News

Watching the Dragon

Posted on 4 Dec 2007

Last week Macquarie Research hosted a presentation, China’s economy and politics: a strategic view, by Arthur Kroeber, Managing Director of Dragonomics, which is a highly respected research and advisory firm specialising in the Chinese economy. He noted that the Chinese policy agenda of economic growth at all costs has changed. Macquarie provided this overview.

The China Era of Economic Reform (1978-2006), in which structural changes were the driver of the economy, is over. The focus of the Chinese administration is now on governance reform, although Kroeber was quick to point out that governance reform does not extend to reforming the political system from its current state (he expects gradual but significant political reforms – not democracy, but increasingly effective administration). The aim of the Era of Economic Reform was to “replace the old planned economy with something else,” and Kroeber argued that this aim has been achieved. The government is now looking to move from the old way of doing things – Deng Xiaoping’s ‘Development is the only hard truth’ – to a system in which development is one of many objectives, such as environmental and social objectives.

To illustrate this, Kroeber pointed out that only two of 10 new Politburo members and only one of 25 provincial chiefs appointed by Hu Jintao are engineers. Since 1980, China has been governed by engineers; however, the new staffers have backgrounds in history, law, economics and politics, reflecting the fact that problems now require governance solutions (not construction).

The Chinese government and businesses have significant financing power now, and, as such, foreign investors will be increasingly expected to bring things other than financing capability to foster growth, i.e. technology or management skills. Furthermore, the focus now appears to be on building powerful domestic corporates, making it likely that it will be tougher for foreign investors going forward.

Three key slogans have been developed by the Chinese national government that government officials (at all levels) are being rewarded for following, although not following the philosophy normally does not result in any disciplinary action.

The scientific concept of development: highlights the move from developing the economy at any cost to placing a greater emphasis on the rule of law (social welfare) and on efficiency of factor use (environment).

Harmonious society: An increasing focus on education, health care and pensions (social welfare and the environment).

Intra-party democracy: Stamping out corruption and sharing power, becoming more accountable. Kroeber argued that the communist party realises that a stable regime is achieved by a peaceful transfer of power, and, as a result, there has been more consultative leadership selection, age limits and term limits at all levels and a variety of other regulations put in place.

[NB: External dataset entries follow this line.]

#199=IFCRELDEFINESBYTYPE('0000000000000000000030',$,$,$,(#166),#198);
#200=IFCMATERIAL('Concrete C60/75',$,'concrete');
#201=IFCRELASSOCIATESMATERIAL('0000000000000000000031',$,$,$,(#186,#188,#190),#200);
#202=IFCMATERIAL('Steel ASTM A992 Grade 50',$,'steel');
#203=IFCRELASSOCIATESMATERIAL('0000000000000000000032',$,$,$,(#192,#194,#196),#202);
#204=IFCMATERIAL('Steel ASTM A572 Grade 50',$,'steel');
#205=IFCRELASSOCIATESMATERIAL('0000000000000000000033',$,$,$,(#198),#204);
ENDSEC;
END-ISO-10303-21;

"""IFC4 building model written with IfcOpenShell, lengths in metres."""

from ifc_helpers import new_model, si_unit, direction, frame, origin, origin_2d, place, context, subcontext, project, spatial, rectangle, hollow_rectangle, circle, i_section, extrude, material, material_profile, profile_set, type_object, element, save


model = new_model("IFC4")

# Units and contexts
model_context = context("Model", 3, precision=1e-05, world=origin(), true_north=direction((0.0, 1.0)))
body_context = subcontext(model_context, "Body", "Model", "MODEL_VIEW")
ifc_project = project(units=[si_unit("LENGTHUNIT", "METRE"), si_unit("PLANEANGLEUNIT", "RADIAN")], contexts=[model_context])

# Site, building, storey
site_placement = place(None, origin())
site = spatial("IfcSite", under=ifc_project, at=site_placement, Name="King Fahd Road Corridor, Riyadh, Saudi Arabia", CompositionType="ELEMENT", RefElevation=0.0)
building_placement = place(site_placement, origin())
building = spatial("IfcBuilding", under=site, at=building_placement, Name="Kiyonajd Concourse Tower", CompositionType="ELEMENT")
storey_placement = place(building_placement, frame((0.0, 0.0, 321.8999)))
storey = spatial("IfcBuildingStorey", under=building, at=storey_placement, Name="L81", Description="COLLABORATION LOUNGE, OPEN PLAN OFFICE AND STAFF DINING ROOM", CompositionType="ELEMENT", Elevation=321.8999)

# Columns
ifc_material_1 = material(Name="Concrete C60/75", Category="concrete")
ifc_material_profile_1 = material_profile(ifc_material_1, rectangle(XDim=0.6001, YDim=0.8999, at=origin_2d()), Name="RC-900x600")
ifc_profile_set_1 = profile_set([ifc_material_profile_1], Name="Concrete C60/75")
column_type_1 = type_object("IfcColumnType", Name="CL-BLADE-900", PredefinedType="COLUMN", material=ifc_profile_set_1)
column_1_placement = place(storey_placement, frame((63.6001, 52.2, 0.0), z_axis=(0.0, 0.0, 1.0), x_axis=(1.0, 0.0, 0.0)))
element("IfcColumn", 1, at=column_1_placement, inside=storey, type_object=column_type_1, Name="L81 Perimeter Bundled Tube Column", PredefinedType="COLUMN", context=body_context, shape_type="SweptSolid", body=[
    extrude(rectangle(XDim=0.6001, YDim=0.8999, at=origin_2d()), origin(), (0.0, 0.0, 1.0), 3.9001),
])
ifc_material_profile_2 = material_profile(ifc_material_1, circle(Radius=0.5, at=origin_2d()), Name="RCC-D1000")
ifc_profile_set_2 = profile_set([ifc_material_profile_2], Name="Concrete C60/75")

Although this sounds like the same aims/reforms we have been hearing about for some time, Kroeber noted that the National Development and Reform Commission (NDRC) really has moved from not having the environment, welfare and efficiency as major policy objectives to having these objectives “at its core.”

Commenting on the Chinese taxation system and personal income tax, Kroeber did not express any shock that the Chinese government collects only 20% of what it could in personal income taxes. He believes that this is unlikely to change because workers would demand more representation as taxes paid increased, and the government does not want to change the political system.

Turning to the economic outlook, and looking first at China’s economic growth, Kroeber believes that China will remain in a growth ‘sweet spot’, with changing demographics (urbanisation means being insulated from external shocks) and productivity (means being insulated from inflation). He expects that to result in GDP growth of around 10% through 2010 (GDP growth is forecast to be 11.5% for 2007 and 10% for 2008).

On the US slowdown, Kroeber believes that slower exports in 2008 will take 1 percentage point (ppt) off GDP growth and that another 0.4ppt will be lost from a related fall in investment (he assumes that Chinese export growth will slow from 26% to 18%). Falling export growth would imply a slowdown in investment; however, this is likely to be offset by an expected ongoing boom in Chinese construction investment.

Kroeber noted that a slowdown in Chinese exports would have no effect on Chinese demand for iron ore because investment is driven by Chinese domestic growth.

Kroeber is not concerned about consumer price inflation (productivity > wages) in China, but is modestly concerned about asset inflation (over investment and capital misallocation). He argued that consumer price inflation has been driven by supply shocks to food inflation (not by a demand shock).

Macquarie Research reports its view from all this is that a possible US recession and a slowdown in the (other) main developed economies would likely have a negative effect on the Chinese economy. “However, we think that any effect would be very limited. In fact, a mild slowdown in China would be positive in the eyes of Chinese policymakers.

“The effect of any slowdown on the main developed economies is likely to be reduced (and perhaps completely offset, in our view) by strong domestic Chinese growth. Furthermore, if it is necessary, an abundance of Chinese government finance could be utilised to prop up the economy and reduce cyclical economic fluctuations.